Cinquième cri : Les injures

Invité dans l'émission Face-à-face d'Éric Zemmour sur CNews pour la promotion de mes Mémoires (Je rêvais de changer le monde, éditions Robert Laffont), 22 octobre 2019

« Le premier homme à jeter une insulte plutôt qu’une pierre, disait Freud, est le fondateur de la civilisation. » Est-ce la raison pour laquelle les Américains acceptent que leur président injurie les Chinois (geste qui le place parmi les civilisés puisqu’il ne lance pas contre eux de missiles) ? Les injures fusent ces temps-ci, inondant nos réseaux sociaux, jusque dans nos rues. La dernière victime, après le philosophe Alain Finkielkraut qui essuya il y a quelques mois à Paris l’agression d’un gilet jaune lors d’une manifestation, est le journaliste Eric Zemmour.

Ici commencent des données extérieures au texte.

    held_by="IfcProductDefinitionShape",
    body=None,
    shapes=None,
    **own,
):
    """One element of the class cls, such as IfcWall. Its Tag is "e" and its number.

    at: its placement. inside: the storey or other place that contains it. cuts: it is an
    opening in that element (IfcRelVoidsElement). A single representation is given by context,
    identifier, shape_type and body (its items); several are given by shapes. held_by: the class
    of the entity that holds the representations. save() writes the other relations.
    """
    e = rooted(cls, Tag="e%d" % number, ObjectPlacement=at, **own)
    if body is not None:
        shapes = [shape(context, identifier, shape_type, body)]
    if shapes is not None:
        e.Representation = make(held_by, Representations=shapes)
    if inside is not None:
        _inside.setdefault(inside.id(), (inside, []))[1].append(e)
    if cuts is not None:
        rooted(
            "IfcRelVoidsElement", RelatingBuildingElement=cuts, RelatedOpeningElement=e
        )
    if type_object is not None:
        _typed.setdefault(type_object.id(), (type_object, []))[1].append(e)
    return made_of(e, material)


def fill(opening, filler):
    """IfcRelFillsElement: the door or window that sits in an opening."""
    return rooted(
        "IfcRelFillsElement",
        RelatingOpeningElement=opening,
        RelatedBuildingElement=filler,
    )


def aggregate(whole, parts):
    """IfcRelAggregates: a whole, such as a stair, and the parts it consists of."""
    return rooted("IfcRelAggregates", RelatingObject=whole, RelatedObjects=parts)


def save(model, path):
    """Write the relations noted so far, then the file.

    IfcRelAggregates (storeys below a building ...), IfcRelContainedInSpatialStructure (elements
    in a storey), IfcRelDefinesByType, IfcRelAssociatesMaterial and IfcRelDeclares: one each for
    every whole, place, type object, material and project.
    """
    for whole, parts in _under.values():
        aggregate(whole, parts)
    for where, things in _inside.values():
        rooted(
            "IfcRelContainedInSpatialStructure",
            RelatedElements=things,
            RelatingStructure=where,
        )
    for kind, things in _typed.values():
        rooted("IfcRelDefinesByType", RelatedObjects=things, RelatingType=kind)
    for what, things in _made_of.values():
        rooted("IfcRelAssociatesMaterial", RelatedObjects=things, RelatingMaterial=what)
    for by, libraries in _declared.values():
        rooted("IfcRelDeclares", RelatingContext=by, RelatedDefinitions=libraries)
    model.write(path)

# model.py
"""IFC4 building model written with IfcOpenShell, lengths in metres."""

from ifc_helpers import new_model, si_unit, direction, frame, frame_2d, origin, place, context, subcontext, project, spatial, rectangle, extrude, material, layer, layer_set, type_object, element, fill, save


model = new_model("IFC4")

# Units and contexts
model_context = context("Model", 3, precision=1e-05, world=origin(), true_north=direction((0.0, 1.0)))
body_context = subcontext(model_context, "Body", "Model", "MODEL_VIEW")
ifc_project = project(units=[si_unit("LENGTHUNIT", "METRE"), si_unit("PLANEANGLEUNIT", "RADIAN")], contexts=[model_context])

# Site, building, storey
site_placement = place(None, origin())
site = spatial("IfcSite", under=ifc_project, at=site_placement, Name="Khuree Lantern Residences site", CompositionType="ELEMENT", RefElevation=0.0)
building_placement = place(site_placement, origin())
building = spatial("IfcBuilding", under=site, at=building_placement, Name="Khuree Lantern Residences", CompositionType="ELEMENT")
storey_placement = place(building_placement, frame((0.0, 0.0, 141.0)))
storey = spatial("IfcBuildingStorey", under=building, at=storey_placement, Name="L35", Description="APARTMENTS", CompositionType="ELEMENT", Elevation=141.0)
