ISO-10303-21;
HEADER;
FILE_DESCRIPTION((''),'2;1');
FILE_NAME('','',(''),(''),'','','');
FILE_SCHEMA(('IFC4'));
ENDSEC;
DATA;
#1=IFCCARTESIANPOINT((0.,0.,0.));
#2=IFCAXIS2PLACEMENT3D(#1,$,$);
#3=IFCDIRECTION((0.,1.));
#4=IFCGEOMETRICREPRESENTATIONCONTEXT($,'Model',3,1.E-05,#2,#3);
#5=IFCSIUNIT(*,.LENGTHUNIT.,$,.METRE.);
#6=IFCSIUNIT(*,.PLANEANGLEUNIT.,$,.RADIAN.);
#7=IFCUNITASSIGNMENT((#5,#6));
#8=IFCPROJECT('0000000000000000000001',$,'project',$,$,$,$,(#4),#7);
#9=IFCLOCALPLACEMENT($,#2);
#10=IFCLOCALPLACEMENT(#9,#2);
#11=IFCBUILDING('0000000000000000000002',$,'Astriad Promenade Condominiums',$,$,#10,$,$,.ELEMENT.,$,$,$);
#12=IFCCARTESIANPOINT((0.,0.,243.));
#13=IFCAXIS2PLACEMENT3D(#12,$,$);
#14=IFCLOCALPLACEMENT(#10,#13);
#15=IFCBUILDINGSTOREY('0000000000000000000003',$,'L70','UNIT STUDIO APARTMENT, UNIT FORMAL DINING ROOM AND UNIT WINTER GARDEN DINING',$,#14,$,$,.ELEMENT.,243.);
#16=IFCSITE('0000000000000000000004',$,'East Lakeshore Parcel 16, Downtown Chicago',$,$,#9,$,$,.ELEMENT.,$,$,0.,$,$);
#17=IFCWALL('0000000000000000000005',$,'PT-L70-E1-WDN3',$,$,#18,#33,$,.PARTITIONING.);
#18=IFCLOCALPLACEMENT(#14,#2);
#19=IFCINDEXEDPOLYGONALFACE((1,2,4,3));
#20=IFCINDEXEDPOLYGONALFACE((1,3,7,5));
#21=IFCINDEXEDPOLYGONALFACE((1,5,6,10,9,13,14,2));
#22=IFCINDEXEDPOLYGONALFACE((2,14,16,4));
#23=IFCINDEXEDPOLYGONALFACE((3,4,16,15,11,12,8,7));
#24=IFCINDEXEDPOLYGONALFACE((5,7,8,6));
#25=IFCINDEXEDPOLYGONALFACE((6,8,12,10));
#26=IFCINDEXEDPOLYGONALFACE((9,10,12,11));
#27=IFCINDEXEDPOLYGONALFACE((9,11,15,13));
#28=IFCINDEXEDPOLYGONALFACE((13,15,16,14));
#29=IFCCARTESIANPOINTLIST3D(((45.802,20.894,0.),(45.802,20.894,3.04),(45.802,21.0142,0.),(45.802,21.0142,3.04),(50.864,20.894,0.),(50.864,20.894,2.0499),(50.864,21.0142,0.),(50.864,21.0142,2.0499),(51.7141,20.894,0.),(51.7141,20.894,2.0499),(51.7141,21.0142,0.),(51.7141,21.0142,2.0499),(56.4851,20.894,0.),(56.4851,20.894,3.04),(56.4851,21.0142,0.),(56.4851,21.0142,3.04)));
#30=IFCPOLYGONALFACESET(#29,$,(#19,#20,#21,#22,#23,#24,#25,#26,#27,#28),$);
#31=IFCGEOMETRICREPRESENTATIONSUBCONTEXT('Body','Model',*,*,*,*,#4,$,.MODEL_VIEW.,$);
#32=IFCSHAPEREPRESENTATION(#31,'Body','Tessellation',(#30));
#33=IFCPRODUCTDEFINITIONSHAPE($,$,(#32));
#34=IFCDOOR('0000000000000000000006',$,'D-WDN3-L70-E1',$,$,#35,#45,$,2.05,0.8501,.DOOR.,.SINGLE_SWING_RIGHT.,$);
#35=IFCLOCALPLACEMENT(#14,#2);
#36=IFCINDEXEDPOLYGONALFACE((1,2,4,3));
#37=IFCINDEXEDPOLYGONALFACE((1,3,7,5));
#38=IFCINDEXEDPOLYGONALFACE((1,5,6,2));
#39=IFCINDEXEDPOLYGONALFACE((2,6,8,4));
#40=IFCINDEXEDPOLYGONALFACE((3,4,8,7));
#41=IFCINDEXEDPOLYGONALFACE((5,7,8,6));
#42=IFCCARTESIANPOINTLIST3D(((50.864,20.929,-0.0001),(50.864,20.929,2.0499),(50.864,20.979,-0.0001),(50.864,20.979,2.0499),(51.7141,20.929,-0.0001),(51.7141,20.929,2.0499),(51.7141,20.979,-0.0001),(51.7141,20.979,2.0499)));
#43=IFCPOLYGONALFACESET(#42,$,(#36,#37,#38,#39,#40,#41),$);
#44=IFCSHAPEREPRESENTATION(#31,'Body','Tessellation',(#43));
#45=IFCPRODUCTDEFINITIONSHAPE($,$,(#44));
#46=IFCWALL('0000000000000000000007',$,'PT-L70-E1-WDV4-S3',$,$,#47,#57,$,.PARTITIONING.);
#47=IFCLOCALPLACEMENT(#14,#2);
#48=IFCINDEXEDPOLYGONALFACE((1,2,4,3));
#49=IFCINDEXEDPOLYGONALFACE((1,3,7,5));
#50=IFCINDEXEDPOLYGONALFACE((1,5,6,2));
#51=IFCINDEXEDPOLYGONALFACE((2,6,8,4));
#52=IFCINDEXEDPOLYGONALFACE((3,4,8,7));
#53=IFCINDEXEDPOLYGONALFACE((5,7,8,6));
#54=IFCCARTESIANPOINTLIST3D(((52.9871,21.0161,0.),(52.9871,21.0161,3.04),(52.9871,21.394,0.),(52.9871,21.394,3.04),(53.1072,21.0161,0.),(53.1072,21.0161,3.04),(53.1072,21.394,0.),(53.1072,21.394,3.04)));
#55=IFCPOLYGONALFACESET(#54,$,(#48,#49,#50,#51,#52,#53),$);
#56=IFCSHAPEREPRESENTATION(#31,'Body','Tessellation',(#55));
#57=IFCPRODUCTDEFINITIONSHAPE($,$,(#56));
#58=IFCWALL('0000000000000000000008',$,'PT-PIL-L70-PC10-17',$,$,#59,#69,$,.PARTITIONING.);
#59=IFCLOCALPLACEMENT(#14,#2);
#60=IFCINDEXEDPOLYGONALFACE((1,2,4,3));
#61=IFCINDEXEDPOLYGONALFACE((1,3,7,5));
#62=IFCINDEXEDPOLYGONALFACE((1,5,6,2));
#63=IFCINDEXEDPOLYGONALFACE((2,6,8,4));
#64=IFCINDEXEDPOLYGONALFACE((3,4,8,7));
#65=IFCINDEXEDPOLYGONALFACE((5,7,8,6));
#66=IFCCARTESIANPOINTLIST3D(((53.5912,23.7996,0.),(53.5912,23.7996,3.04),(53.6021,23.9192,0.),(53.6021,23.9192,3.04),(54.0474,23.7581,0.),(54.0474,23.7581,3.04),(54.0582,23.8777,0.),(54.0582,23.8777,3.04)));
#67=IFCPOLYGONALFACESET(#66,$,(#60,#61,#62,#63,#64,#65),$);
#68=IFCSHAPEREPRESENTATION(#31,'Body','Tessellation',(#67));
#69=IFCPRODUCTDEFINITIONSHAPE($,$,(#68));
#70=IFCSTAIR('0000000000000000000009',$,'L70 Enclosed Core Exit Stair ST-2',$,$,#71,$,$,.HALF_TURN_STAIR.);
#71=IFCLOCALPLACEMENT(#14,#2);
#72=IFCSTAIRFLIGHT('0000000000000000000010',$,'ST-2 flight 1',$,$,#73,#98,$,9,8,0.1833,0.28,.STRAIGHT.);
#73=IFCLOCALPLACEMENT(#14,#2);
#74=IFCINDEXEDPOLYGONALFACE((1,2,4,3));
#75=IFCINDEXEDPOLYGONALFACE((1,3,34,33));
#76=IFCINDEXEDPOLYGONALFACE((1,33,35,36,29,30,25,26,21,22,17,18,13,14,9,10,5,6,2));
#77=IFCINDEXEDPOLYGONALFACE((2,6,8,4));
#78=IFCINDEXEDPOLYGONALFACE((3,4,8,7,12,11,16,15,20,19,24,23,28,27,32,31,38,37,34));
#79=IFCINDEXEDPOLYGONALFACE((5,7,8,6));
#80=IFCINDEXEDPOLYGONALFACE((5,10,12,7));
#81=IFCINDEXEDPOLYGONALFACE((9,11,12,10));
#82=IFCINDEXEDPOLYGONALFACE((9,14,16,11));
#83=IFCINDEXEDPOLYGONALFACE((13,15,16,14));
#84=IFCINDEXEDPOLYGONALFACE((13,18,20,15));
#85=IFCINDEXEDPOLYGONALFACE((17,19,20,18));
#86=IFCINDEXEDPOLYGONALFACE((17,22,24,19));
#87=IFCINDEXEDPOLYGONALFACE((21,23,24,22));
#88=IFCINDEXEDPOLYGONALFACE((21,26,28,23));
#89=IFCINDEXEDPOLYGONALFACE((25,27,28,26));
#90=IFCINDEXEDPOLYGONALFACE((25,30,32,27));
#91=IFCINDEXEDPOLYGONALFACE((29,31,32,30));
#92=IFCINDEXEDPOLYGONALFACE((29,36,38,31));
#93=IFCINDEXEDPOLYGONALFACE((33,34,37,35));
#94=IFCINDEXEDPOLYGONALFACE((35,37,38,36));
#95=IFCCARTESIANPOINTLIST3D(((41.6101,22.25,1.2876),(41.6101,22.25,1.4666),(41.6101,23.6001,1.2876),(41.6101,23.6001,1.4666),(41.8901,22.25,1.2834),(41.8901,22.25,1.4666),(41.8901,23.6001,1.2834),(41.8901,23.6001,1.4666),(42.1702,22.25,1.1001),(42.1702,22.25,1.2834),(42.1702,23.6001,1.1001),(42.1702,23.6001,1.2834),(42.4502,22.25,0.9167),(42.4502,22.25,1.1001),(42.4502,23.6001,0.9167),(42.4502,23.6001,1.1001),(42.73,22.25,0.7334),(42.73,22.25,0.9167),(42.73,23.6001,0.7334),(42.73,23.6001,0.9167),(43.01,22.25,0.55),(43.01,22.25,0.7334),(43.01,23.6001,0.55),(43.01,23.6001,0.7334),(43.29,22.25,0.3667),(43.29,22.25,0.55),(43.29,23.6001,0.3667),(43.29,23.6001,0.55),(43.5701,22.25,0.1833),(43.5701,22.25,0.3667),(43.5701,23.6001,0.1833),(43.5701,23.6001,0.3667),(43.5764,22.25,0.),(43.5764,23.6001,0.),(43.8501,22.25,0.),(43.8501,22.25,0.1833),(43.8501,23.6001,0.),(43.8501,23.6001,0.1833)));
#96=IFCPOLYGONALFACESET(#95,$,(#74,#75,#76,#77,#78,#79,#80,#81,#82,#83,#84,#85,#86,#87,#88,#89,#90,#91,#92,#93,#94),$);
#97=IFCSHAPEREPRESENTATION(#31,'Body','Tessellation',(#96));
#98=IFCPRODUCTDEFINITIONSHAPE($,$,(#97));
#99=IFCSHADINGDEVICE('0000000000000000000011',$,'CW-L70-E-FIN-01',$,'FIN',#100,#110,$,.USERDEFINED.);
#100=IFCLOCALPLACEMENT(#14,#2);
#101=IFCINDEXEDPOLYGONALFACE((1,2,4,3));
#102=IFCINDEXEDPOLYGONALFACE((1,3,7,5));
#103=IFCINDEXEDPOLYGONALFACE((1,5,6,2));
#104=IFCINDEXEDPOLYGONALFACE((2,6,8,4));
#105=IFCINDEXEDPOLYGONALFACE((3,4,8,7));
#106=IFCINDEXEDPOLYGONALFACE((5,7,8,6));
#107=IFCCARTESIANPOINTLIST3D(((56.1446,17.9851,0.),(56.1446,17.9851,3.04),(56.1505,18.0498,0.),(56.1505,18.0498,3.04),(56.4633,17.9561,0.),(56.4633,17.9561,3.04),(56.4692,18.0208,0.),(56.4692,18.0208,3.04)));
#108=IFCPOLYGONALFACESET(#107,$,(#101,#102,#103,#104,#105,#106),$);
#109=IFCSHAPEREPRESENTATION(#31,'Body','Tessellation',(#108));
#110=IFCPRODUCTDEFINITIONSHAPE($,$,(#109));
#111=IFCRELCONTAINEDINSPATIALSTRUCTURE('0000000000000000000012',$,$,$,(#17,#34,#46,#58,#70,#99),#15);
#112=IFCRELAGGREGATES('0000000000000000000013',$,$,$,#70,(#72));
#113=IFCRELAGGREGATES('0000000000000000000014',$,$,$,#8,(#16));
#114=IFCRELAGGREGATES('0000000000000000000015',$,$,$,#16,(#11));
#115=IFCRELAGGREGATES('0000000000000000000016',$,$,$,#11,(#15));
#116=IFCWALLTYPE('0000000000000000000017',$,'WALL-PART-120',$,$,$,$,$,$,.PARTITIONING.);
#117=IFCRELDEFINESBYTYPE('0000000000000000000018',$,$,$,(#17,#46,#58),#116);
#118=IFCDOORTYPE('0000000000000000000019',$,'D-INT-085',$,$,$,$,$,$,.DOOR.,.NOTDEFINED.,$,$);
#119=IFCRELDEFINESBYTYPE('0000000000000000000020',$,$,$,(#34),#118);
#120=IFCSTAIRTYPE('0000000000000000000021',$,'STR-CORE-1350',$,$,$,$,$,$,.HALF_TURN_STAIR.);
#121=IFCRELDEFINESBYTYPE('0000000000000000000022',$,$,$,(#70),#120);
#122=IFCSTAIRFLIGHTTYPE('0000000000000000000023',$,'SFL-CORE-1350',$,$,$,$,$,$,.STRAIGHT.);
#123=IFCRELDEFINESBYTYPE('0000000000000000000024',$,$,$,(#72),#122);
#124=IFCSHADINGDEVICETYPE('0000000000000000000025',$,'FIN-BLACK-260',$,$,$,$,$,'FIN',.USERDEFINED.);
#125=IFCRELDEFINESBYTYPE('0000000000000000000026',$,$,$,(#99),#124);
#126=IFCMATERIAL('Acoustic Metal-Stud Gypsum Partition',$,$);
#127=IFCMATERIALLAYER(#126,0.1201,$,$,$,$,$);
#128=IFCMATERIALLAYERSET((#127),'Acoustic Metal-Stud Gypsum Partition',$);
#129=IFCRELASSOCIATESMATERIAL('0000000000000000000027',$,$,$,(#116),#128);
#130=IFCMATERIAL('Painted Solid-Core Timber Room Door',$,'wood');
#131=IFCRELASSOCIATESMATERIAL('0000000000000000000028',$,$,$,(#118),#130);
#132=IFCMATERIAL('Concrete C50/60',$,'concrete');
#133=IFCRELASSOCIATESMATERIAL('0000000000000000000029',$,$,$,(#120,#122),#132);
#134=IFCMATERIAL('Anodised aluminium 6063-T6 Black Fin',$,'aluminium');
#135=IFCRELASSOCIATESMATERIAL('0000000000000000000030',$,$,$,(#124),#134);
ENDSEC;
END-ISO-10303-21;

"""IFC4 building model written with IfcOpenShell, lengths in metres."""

from ifc_helpers import new_model, si_unit, direction, frame, frame_2d, origin, origin_2d, place, context, subcontext, project, spatial, polyline, rectangle, outline, extrude, source, transform, mapped, material, layer, layer_set, type_object, type_shapes, element, fill, aggregate, save


model = new_model("IFC4")

# Units and contexts
model_context = context("Model", 3, precision=1e-05, world=origin(), true_north=direction((0.0, 1.0)))
body_context = subcontext(model_context, "Body", "Model", "MODEL_VIEW")
ifc_project = project(units=[si_unit("LENGTHUNIT", "METRE"), si_unit("PLANEANGLEUNIT", "RADIAN")], contexts=[model_context])

# Site, building, storey
site_placement = place(None, origin())
site = spatial("IfcSite", under=ifc_project, at=site_placement, Name="East Lakeshore Parcel 16, Downtown Chicago", CompositionType="ELEMENT", RefElevation=0.0)
building_placement = place(site_placement, origin())
building = spatial("IfcBuilding", under=site, at=building_placement, Name="Astriad Promenade Condominiums", CompositionType="ELEMENT")
storey_placement = place(building_placement, frame((0.0, 0.0, 243.0)))
storey = spatial("IfcBuildingStorey", under=building, at=storey_placement, Name="L70", Description="UNIT STUDIO APARTMENT, UNIT FORMAL DINING ROOM AND UNIT WINTER GARDEN DINING", CompositionType="ELEMENT", Elevation=243.0)

# Shared definitions
ifc_material_1 = material(Name="Concrete C50/60", Category="concrete")

# Shared definitions
ifc_material_2 = material(Name="Acoustic Metal-Stud Gypsum Partition")
ifc_layer_1 = layer(ifc_material_2, 0.1201)
ifc_layer_set_1 = layer_set([ifc_layer_1], Name="Acoustic Metal-Stud Gypsum Partition")
wall_type_1 = type_object("IfcWallType", Name="WALL-PART-120", PredefinedType="PARTITIONING", material=ifc_layer_set_1)

# Wall, opening, door
ifc_material_3 = material(Name="Painted Solid-Core Timber Room Door", Category="wood")
door_type = type_object("IfcDoorType", Name="D-INT-085", OperationType="NOTDEFINED", PredefinedType="DOOR", material=ifc_material_3)
shared_shape_1 = source(origin(), body_context, "Body", "SweptSolid", [
    extrude(rectangle(XDim=0.8501, YDim=2.05, at=frame_2d((0.425, 1.0249))), frame((0.0, 0.0249, 0.0), z_axis=(0.0, -1.0, 0.0), x_axis=(1.0, 0.0, 0.0)), (0.0, 0.0, 1.0), 0.05),
])
type_shapes(door_type, [shared_shape_1])
wall_1_placement = place(storey_placement, frame((45.802, 20.9541, 0.0), z_axis=(0.0, 0.0, 1.0), x_axis=(1.0, 0.0, 0.0)))
wall_1 = element("IfcWall", 1, at=wall_1_placement, inside=storey, type_object=wall_type_1, Name="PT-L70-E1-WDN3", PredefinedType="PARTITIONING", context=body_context, shape_type="SweptSolid", body=[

Outre un certain émoi médiatique, ces deux affronts provoquèrent l’intervention personnelle du président de la République. Ce qui fit des jaloux. Plusieurs personnalités, insultées verbalement sur le Net ou sur la voie publique pour leurs opinions, ont réclamé avoir, elles aussi, droit à ce privilège. Certains, comme Pascal Boniface, le revendiquent même publiquement. Le directeur de l’Institut français des Relations internationales, qui critique en permanence Israël, s’est fait insulter dans le hall de l’aéroport de Tel-Aviv alors qu’il était en voyage en Israël dans le cadre d’un cycle de conférence, à l’invitation du Consulat de France. Or, après cet incident, dit-il par le biais d’un tweet, seul le Consul de France à Jérusalem lui aurait exprimé sa solidarité. Il attendait sans doute, comme Finkielkraut et Zemmour, un coup de fil du président de la République…

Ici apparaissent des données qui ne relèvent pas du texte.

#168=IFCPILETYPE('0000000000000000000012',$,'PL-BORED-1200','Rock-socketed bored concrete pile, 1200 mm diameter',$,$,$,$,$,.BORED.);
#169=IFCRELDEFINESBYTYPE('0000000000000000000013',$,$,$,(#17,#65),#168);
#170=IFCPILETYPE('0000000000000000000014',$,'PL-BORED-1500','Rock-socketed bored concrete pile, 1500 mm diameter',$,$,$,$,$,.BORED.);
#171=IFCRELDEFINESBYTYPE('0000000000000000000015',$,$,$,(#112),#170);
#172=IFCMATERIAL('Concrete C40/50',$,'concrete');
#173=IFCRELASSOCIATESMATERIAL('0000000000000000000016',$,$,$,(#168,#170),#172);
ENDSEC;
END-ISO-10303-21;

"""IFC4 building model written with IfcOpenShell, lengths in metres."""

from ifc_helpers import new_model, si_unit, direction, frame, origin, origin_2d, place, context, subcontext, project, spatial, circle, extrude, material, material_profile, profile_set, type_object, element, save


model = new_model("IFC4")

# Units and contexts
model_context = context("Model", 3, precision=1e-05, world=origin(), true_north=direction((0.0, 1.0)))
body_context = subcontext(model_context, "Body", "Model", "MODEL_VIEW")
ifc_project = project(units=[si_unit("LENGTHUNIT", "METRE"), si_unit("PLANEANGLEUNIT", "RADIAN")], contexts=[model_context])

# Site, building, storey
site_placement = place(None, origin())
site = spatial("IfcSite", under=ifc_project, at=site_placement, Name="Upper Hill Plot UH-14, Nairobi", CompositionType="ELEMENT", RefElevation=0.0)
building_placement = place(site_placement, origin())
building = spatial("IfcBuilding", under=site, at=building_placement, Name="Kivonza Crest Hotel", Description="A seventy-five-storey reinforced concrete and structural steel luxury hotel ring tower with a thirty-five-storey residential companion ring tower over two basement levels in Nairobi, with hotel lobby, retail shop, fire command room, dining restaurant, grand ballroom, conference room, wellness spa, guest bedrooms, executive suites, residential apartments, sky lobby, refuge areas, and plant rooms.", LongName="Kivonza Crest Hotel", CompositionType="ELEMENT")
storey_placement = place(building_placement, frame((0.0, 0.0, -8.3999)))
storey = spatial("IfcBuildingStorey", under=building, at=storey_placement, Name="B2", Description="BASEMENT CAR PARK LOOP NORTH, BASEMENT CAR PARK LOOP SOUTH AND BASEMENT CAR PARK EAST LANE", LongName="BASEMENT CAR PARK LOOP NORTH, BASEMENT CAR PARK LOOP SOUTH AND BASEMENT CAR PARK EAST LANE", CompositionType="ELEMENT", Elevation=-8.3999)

Pourtant les offenses subies par Finkielkraut et Zemmour ne me semblent pas de même nature. Le philosophe, d’abord, s’est vu reprocher son penchant pro-israélien et sa judaïté. Être pro-israélien est un choix idéologique et peut donc être contesté. Être juif, en revanche, est une identité ethnique et l’antisémitisme, comme le racisme, relève du domaine de la justice. La République a légiféré et, je l’espère, une fois pour toute. Eric Zemmour, lui, n’a pas été insulté parce que juif, mais parce qu’anti-musulman. Disons plutôt « critique envers l’islam ». Une position qu’il revendique ouvertement.

Homme intelligent, à la mémoire prodigieuse, son opposition à la religion de Mahomet, qu’il juge mortifère et inassimilable au sein de la République, l’a rendu populaire aux yeux des uns, satanique pour les autres. Ainsi que ceux qui critiquaient le communisme du temps où celui-ci faisait office de religion.

J’avoue cependant que la passivité de Finkielkraut et de Zemmour face à leurs agresseurs me laisse songeur. Opposer les mots aux mots n’est-il pas justement leur domaine de prédilection ? Ont-ils été pris au dépourvu ou voulaient-ils, par leur silence, manifester leur mépris à l’égard de leurs adversaires ? Pourtant leurs réponses (filmées) auraient pu en faire réfléchir plus d’un. Tous deux intellectuels, ils auraient pu suivre le conseil avisé de Voltaire qui, dans une Lettre à M. le Comte d’Argental (1772), remarquait : « Les injures révoltent ; l’ironie fait rentrer les gens en eux-mêmes, la gaité désarme ».

Nous sommes loin des disputations judéo-chrétiennes publiques qui eurent lieu au XIIIsiècle, à Paris en présence de Blanche de Castille, en Espagne ou en Italie, joutes oratoires opposant des théologiens chrétiens à des rabbins et qui se terminaient bien souvent par la censure de certains passages du Talmud, des autodafés, des expulsions, voire des condamnations à mort. Mais nous sommes loin aussi, et pourtant c’était il y a cinq ans à peine, du temps où une critique de l’islam était réglée par une salve de p.m. Certains oseraient même dire que nous sommes en progrès. Ni hache, ni mitraillette : des mots. Des mots qui blessent, certes, mais auxquels nous pouvons toujours répondre, auxquels nous devons répondre si nous voulons déjouer de futures attaques meurtrières. C’est une position que j’ai justement défendue lors d’un face-à-face avec Zemmour sur CNews et qui m’a valu d’être affublé par le polémiste du quolibet « oui-oui », un naïf qui croit que les mots peuvent contrer la violence. Oui, je le crois. Et encore plus si celle-ci émane de mots.